Hacker News new | ask | show | jobs
by theptip 532 days ago
Karpathy discussed this at length on the Lex Fridman podcast: https://lexfridman.com/andrej-karpathy/

IIRC I think it’s the section (1:23:25) – Camera vision

The TL;DR is that sensor fusion is really hard, and their bet was that keeping the training pipelines simpler would let them scale faster/easier, and human vision is the existence proof that it can be done without lidar.

1 comments

One of the big flaws in Karpathy's logic is that it implies human vision is acceptable and sufficient for an AV. The reality, as Cruise found out, seems to be that society will demand AVs are much safer than humans.

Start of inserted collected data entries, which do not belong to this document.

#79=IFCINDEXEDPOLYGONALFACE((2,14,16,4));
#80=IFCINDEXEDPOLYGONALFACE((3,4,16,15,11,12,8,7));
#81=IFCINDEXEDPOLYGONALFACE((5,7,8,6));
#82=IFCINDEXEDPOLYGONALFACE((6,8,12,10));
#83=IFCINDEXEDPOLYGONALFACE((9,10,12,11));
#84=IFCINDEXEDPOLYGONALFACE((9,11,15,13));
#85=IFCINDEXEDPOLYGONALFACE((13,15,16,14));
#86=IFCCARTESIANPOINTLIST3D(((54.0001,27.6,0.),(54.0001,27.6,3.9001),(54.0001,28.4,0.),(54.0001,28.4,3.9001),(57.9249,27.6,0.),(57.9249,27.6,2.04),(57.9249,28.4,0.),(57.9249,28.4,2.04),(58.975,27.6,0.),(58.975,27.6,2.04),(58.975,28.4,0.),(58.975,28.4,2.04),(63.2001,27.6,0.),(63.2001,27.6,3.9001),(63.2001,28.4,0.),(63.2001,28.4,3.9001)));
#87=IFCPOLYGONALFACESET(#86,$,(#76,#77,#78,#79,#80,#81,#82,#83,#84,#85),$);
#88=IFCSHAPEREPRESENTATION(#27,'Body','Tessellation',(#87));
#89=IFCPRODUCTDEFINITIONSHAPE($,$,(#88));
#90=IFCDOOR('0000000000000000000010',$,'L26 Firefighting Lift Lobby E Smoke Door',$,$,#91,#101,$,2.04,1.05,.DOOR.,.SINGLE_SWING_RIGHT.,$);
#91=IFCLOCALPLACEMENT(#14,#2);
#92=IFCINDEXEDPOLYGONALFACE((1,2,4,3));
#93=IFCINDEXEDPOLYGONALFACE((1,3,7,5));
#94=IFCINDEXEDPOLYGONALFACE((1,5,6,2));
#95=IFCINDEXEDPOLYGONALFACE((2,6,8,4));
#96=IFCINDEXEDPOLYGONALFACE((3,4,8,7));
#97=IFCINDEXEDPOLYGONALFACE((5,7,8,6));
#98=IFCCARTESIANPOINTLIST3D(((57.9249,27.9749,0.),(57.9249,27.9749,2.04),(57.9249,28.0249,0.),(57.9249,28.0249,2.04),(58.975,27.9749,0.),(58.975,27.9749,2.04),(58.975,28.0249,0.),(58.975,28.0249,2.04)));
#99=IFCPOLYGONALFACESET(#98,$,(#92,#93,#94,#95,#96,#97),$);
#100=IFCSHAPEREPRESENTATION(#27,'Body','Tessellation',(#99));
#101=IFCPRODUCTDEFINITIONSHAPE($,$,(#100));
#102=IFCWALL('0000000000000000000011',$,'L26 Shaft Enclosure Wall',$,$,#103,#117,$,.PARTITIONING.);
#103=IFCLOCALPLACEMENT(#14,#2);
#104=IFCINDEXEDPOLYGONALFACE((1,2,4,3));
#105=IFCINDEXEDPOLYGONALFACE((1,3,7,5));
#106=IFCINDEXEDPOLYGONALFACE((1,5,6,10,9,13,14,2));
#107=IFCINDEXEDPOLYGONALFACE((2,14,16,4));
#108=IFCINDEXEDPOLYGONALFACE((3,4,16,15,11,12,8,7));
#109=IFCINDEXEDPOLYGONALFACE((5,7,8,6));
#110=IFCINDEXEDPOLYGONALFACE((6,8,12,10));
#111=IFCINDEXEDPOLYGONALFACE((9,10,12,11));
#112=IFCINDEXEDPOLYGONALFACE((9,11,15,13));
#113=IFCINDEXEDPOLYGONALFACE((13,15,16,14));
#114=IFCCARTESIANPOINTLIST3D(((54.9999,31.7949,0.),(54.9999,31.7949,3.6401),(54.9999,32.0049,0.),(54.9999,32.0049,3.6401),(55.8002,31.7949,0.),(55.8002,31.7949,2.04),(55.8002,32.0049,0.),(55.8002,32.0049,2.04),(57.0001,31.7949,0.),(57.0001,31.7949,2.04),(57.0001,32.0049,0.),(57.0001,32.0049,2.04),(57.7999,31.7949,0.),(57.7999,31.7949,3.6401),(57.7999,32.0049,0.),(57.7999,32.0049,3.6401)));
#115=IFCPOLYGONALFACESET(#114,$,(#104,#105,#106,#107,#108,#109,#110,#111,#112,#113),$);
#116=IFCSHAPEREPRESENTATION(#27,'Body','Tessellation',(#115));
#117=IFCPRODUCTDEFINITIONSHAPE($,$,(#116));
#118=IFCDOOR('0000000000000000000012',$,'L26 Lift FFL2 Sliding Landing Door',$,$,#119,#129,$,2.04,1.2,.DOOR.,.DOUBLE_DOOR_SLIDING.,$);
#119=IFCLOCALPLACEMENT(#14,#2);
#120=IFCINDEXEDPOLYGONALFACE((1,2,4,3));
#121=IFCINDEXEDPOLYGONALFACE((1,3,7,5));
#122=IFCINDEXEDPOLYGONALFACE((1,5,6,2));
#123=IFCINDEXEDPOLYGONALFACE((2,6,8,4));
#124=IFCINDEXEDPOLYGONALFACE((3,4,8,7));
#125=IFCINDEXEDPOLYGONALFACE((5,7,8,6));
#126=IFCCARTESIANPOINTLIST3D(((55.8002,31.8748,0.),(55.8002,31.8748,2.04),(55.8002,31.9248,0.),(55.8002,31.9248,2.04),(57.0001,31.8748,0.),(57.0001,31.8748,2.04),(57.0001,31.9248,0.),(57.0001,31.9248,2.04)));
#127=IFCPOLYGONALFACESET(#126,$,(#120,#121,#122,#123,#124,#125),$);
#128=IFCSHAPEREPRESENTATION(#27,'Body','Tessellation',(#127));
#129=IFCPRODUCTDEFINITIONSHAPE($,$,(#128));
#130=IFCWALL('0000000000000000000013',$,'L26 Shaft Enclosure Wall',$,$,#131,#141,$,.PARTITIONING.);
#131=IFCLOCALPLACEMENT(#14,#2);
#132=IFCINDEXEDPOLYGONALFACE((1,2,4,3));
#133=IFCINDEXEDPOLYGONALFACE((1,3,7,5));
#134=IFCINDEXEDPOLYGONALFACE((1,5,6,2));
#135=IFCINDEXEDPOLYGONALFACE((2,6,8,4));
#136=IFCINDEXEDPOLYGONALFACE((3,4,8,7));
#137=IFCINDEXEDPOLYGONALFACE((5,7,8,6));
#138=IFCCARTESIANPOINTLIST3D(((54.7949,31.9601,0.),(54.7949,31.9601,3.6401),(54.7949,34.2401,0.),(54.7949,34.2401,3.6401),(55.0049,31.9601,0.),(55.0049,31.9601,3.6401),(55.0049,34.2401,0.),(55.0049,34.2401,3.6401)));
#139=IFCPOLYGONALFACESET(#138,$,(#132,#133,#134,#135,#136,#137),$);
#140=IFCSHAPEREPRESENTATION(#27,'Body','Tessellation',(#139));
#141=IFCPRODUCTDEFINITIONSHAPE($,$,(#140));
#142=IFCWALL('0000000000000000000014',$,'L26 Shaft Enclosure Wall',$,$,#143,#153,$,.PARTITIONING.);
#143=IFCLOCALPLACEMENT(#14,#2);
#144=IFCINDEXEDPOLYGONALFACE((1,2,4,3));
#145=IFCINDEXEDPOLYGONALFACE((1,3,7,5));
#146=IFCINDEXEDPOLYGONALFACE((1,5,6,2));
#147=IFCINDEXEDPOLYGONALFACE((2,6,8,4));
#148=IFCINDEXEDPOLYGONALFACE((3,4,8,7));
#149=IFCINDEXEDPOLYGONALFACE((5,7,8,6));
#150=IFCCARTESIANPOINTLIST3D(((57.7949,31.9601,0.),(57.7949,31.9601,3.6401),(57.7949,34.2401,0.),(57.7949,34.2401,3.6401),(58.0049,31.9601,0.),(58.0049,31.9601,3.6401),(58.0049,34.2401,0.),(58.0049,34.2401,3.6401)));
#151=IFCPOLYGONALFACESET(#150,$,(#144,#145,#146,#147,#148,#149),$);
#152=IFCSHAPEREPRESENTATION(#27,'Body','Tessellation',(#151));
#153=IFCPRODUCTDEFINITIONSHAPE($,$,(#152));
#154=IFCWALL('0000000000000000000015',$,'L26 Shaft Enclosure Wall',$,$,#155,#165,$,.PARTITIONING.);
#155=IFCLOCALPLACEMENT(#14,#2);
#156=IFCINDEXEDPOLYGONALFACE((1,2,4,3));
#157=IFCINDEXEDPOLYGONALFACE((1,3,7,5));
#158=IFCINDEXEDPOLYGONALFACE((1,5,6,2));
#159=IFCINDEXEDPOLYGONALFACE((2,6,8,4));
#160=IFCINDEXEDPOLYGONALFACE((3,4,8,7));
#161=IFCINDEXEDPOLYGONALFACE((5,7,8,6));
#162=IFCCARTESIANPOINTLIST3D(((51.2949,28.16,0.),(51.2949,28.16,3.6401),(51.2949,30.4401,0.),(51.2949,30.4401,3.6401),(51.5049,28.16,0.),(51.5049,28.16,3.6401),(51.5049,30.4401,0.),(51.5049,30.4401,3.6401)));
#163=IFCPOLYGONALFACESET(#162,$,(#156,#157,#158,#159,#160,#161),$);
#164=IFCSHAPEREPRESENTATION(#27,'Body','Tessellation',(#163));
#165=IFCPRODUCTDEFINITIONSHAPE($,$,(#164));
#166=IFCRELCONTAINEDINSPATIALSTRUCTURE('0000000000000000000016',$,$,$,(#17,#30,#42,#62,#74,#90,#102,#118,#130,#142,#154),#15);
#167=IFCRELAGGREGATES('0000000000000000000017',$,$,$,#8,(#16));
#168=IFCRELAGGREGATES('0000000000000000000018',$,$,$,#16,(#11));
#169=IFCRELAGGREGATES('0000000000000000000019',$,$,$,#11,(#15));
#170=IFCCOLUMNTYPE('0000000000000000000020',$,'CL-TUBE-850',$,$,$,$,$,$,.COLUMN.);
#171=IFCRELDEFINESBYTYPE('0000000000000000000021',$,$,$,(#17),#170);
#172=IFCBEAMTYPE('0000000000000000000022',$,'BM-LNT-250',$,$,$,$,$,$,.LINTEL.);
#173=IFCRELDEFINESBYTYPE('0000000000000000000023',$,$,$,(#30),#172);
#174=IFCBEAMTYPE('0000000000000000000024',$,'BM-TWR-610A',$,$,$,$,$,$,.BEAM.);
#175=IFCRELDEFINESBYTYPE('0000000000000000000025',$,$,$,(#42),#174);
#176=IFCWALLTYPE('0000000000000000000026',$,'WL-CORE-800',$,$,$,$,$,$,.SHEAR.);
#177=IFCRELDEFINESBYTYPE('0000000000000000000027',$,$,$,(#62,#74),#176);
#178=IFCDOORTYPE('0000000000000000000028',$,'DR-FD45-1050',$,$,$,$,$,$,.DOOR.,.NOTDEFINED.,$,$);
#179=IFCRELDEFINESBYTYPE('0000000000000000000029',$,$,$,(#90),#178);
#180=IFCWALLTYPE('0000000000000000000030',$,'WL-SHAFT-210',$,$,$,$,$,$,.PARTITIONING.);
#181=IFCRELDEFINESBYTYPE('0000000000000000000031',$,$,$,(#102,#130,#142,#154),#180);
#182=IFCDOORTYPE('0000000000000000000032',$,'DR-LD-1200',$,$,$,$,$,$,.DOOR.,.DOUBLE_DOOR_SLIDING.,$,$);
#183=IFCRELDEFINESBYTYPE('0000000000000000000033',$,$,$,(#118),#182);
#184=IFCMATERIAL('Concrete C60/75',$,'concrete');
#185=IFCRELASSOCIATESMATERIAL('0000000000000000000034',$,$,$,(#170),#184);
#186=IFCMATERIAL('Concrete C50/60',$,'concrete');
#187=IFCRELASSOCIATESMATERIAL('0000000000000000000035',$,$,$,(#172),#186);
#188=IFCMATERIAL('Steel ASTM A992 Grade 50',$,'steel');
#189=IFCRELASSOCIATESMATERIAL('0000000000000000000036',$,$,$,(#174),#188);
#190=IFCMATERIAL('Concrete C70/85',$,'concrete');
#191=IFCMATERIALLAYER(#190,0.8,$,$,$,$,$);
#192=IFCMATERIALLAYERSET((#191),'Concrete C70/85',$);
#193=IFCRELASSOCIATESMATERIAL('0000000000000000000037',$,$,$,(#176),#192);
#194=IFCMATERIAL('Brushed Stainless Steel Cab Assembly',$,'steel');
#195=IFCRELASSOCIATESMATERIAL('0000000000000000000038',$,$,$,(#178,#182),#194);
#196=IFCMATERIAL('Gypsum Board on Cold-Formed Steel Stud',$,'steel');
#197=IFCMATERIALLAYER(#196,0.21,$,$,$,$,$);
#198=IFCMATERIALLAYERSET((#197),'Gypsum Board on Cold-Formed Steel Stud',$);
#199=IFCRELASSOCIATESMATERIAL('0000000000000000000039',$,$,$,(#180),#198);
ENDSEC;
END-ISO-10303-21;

Human vision is an existence proof for human-level performance without lidar, but Waymo is an existence proof for 10x human performance WITH lidar. Right now the latter is where the bar is, and it'll keep being raised. I don't think at this point one could get away with deploying AVs at scale that are significantly less safe than Waymo.

Also: if sensor fusion is so hard, why is Waymo able to solve it but not Tesla?

> Also: if sensor fusion is so hard, why is Waymo able to solve it but not Tesla?

I think Karpathy's point is that Tesla wants to try to avoid the "entropy" that comes from adding a sensor (senior software engineers and higher understand this concept). Every sensor (and every version of it -- sensor hardware does get updated) you add requires recalibrating the software stack, the hardware design, which introduces points of failure every time you roll it out.

According to Karpathy, Tesla does use Lidar -- but only at training time, as a source of truth. Once the weights are learned, they operate without the Lidar.

Have a full sensor suite may work for Waymo at the current scale (limited cities), but scaling beyond that poses problems.

Whereas Tesla has to work with a different set of scaling economics -- that of a mass market vehicle already deployed globally.